If len is big enough your f() call will crash with a stack overflow.


I don't understand why stacks are still so small. On nice operating systems memory is only needed when it's touched, not when it's asked for, so making the stack large doesn't cost anything unless you need a large stack. On 64-bit systems you could make the stack a billion gigabytes and still have 95% of your process' virtual address space available for the heap.

On Windows the stack is one megabyte by default. We live in the future and we're still afraid of recursion without tail-call optimisation and arrays on the stack. Ridiculous.


Stacks are small because every thread in the system has to have one, it's that simple.

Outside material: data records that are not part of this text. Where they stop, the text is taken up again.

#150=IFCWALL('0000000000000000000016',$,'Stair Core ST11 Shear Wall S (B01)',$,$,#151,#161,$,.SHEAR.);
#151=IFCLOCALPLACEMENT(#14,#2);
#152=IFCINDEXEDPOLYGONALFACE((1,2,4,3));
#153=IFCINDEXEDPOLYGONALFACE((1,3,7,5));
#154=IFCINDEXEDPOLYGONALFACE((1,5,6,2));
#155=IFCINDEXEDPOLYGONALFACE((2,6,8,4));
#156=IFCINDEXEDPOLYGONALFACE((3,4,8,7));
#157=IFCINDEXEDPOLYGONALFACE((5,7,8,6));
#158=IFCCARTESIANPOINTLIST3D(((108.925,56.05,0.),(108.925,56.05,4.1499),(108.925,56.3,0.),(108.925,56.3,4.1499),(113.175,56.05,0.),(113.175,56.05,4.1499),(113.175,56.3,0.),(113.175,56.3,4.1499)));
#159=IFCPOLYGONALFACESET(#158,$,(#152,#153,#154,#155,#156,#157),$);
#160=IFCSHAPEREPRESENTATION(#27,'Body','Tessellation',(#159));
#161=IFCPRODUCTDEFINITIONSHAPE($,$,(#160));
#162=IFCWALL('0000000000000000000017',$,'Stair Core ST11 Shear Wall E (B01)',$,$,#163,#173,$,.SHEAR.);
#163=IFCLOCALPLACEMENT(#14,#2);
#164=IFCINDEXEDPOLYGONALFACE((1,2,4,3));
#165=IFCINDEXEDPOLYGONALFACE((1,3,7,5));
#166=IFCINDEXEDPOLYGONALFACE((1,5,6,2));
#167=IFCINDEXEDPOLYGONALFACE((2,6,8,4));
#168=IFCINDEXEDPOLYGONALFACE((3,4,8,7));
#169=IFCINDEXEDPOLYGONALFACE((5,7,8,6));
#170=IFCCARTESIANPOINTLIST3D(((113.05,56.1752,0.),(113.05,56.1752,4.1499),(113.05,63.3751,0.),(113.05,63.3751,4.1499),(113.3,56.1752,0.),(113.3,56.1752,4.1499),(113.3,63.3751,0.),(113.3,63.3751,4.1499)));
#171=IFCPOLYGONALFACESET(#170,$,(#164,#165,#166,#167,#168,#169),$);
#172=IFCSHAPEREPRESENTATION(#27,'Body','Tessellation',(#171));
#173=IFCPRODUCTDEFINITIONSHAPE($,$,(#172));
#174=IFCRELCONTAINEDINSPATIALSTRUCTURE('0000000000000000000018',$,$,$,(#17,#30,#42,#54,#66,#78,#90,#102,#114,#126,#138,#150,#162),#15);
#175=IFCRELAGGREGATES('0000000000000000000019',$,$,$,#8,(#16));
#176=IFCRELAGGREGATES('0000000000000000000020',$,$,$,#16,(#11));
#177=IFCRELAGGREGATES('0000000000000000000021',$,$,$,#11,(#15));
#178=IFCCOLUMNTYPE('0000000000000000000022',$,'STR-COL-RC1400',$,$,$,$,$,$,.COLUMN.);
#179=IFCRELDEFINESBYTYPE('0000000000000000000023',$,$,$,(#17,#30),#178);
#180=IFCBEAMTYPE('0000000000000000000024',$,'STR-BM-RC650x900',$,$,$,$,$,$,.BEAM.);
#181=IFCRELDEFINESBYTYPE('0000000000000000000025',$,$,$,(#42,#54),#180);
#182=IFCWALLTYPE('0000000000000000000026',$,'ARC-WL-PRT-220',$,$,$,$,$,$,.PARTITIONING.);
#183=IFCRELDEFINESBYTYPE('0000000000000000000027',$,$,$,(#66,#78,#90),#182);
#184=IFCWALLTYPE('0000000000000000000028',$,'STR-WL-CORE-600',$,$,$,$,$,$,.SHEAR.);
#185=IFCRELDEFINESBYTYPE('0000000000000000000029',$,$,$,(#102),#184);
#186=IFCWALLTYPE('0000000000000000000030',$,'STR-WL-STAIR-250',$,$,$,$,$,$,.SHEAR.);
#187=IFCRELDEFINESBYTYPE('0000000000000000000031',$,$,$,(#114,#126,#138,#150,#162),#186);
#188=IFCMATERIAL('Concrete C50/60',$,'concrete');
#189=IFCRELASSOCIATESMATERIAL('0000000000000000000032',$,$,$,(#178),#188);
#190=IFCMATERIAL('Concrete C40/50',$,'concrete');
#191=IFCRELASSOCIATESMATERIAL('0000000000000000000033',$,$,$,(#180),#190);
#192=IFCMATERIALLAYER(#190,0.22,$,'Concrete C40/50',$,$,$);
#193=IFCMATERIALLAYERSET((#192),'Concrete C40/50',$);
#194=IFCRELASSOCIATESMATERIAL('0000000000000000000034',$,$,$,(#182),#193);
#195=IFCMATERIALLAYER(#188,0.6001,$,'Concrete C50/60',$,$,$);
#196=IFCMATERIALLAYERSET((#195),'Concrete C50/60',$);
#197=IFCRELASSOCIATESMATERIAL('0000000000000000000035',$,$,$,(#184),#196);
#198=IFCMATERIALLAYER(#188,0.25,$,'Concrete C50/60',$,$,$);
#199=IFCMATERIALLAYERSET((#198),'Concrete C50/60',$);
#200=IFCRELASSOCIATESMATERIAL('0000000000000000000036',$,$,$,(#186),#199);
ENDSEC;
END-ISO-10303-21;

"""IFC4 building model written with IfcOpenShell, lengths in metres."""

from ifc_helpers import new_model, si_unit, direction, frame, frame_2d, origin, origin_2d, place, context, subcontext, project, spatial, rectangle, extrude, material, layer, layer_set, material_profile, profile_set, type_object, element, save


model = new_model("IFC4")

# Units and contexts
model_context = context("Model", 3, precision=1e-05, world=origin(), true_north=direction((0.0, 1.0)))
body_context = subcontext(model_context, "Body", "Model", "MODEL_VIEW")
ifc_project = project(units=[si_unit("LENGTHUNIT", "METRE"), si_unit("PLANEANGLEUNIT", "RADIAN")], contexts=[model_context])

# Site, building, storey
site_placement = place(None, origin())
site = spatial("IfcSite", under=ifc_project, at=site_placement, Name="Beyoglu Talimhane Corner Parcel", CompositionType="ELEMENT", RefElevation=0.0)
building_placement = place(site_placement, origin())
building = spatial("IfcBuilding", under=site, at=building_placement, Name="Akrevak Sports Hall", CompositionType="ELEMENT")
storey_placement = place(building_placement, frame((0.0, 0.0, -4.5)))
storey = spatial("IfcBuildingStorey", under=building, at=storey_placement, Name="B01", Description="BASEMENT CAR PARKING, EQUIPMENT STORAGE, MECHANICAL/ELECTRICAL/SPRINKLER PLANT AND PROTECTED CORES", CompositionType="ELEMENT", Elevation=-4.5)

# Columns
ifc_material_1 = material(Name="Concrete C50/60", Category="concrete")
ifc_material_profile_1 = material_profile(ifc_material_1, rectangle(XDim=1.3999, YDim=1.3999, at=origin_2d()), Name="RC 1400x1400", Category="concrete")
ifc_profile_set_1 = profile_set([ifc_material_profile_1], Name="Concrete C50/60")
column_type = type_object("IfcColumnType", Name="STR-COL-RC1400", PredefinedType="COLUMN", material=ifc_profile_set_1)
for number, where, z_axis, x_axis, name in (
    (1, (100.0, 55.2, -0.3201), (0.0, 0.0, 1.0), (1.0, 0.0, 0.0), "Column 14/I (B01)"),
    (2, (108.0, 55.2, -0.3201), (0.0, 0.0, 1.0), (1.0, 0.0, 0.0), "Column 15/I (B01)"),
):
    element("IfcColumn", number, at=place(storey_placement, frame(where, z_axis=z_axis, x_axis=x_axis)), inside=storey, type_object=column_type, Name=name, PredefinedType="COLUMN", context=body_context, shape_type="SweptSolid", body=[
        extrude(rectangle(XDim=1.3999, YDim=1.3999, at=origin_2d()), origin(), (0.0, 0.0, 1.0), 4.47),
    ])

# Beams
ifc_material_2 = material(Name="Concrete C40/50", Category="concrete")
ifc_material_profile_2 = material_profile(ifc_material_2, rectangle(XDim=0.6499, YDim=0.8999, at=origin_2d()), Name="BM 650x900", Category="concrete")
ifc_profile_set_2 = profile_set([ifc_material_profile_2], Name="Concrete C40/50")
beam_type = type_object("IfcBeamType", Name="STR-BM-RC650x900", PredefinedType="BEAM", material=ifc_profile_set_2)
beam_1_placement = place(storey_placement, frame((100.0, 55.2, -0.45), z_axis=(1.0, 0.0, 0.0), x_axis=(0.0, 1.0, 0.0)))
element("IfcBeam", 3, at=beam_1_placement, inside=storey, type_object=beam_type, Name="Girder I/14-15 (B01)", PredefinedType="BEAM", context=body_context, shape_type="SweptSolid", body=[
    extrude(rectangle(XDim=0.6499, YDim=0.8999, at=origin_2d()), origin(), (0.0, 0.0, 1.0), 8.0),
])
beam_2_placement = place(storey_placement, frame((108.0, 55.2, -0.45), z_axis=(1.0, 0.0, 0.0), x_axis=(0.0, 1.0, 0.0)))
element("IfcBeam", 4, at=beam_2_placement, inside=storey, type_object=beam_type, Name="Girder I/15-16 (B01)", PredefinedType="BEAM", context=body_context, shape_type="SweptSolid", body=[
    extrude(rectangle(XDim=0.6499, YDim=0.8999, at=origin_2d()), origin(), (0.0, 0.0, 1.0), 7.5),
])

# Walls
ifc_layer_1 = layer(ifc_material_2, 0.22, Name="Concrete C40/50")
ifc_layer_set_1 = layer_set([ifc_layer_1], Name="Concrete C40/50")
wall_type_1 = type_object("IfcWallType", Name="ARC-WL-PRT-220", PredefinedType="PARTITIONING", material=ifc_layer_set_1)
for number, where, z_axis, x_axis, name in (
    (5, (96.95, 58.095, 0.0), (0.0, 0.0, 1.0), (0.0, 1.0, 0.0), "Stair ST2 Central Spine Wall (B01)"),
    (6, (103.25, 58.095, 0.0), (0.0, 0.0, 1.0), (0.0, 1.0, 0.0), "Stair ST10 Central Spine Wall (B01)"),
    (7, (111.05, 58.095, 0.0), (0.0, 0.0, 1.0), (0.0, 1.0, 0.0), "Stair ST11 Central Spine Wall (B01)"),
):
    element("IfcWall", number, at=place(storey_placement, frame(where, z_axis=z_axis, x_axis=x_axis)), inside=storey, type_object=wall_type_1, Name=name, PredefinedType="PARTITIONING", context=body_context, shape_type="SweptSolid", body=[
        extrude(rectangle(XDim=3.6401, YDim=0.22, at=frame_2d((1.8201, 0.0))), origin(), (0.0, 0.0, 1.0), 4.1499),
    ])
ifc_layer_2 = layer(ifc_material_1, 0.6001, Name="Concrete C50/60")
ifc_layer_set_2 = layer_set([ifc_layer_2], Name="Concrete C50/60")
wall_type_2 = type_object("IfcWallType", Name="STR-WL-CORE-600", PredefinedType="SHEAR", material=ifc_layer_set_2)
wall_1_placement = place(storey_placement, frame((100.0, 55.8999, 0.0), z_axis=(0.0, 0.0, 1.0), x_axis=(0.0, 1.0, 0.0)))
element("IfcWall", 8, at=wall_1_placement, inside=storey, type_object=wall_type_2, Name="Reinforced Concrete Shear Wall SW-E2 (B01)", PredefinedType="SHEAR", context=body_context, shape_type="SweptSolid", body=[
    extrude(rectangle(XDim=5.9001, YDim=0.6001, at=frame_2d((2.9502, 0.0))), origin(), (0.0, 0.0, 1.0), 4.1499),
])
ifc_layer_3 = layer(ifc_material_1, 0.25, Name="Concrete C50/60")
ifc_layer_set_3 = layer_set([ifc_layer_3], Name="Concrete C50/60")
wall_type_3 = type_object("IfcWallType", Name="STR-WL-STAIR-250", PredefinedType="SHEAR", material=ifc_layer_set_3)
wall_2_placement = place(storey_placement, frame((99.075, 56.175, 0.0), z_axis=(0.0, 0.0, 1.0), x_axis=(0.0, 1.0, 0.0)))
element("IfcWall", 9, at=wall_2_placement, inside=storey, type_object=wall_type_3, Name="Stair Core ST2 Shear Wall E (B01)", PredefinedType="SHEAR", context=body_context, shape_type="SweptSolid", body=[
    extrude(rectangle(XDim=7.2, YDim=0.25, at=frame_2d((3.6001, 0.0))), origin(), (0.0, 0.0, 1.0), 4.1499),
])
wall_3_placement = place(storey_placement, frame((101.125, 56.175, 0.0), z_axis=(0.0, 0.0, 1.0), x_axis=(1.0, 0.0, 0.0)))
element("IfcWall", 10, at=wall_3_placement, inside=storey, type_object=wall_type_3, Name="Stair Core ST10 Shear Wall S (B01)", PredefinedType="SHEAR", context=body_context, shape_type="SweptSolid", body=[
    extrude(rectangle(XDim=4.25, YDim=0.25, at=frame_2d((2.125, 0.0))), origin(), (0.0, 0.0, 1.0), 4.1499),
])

Who said stacks had to be contiguous and allocated ahead of time?


How would you manage non-contiguous stacks ? ie, how would you know (upon return) where is the caller's stack frame is ?


The stack is only contiguous in the virtual address space. The physical address space is a different beast. The operating system allocates a big chunk of virtual address space for the stack but doesn't allocate the physical memory to fill that. When an app wants to read or write from the unallocated part of the stack, a page fault interrupt is generated and the operating system allocates physical memory frames and assigns them to the virtual memory addresses of the stack. When the thread/process is interrupted for servicing, the operating system checks the value of the stack pointer register (rsp in x86_64) and frees the physical memory corresponding to the virtual addresses above that in the stack.

So having a large stack will only consume virtual address space which we have plenty of (2^48 bytes in most x86_64's) but will not consume physical memory, which is a more limited resource.


You would keep a frame pointer, which would tell you where to find the caller's stack frame. Most systems already do this, to aid debugging and tracing tools, to support variable-length stack allocations, or for any number of other reasons.